# Noise from back when braking



## lfd75 (Nov 27, 2004)

Hi there:

Lately I´ve been noticing a loud squeaking noise coming from the rear right. This only happens when I´m slowing down to less than 30 Km/h (i.e. coming to a stop) and the car has warmed up. I cleaned the drums, adjusted the shoes and the noise was still there. I then took the car to a brake shop and they couldn´t find anything wrong with the brakes but they resurfaced the drum just in case and the noise is still there. I also took the car to the dealership and they couldn´t find anything wrong with the brakes. Any ideas?


----------



## scrappy (Jun 30, 2002)

Do you have rear drums? With cheap brake shoes sometimes the pad will glaze and you will get squeaking at low speeds. This happened to me with some checker brand brake shoes. I just took some sand paper and sanded down the hole pad a little bit to remove the glaze worked for about a year.

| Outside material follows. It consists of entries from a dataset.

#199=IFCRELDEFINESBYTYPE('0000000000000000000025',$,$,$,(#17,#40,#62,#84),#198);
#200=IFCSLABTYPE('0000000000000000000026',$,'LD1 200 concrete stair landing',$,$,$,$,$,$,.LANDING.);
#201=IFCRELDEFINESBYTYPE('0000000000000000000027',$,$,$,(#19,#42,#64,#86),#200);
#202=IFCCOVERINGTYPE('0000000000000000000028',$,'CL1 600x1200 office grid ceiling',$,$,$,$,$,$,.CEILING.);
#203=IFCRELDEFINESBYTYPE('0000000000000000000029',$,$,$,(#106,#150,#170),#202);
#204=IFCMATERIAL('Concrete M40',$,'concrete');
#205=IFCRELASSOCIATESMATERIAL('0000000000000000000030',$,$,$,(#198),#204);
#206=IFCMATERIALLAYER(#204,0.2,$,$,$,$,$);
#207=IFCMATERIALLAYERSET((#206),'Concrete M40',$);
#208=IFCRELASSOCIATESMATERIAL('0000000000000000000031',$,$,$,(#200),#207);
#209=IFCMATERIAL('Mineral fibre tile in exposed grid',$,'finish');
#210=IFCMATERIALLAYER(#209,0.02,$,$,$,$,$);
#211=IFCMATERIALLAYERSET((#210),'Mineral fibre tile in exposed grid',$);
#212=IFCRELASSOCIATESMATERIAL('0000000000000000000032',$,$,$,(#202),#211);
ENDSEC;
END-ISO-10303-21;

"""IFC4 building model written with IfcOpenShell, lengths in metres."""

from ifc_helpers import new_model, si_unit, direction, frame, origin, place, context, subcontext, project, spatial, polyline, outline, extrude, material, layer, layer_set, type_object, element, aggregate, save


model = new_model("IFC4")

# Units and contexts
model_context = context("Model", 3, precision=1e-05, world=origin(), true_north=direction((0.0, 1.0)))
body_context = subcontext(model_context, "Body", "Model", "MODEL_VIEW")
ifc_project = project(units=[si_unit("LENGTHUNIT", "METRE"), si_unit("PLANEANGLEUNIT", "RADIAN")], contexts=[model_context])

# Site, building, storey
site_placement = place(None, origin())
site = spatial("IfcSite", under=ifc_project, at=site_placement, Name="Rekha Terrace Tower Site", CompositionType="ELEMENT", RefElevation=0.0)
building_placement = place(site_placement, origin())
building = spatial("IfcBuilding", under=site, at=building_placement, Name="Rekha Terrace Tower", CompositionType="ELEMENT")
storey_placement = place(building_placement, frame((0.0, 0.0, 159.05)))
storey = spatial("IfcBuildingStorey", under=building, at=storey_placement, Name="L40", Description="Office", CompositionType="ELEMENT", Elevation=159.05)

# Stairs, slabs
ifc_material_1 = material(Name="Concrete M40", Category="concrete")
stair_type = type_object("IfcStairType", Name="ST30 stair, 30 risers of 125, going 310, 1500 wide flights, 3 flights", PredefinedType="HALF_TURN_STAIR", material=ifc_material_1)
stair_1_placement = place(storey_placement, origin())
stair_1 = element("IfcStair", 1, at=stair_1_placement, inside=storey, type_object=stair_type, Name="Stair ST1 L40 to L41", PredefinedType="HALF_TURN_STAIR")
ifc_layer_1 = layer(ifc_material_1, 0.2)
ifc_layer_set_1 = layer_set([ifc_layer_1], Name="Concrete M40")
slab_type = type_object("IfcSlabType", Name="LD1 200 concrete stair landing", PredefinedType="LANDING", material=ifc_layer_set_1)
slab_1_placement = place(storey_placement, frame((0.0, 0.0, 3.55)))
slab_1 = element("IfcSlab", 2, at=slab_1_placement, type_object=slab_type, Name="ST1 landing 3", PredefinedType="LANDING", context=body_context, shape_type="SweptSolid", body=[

Make sure you buy good shoes probally nissan .Its starting to come back and Im looking to upgrade to discs but Im not sure


----------



## lfd75 (Nov 27, 2004)

Thanks for the Info I'll take a look at the shoes and see what condition they're in and sand them if necessary, hopefully that will get rid of the problem.


----------



## scrappy (Jun 30, 2002)

Just look for a shiny spot on the shoe, but sand the whole shoe evenly. I will just make sure to use better shoes next time.


----------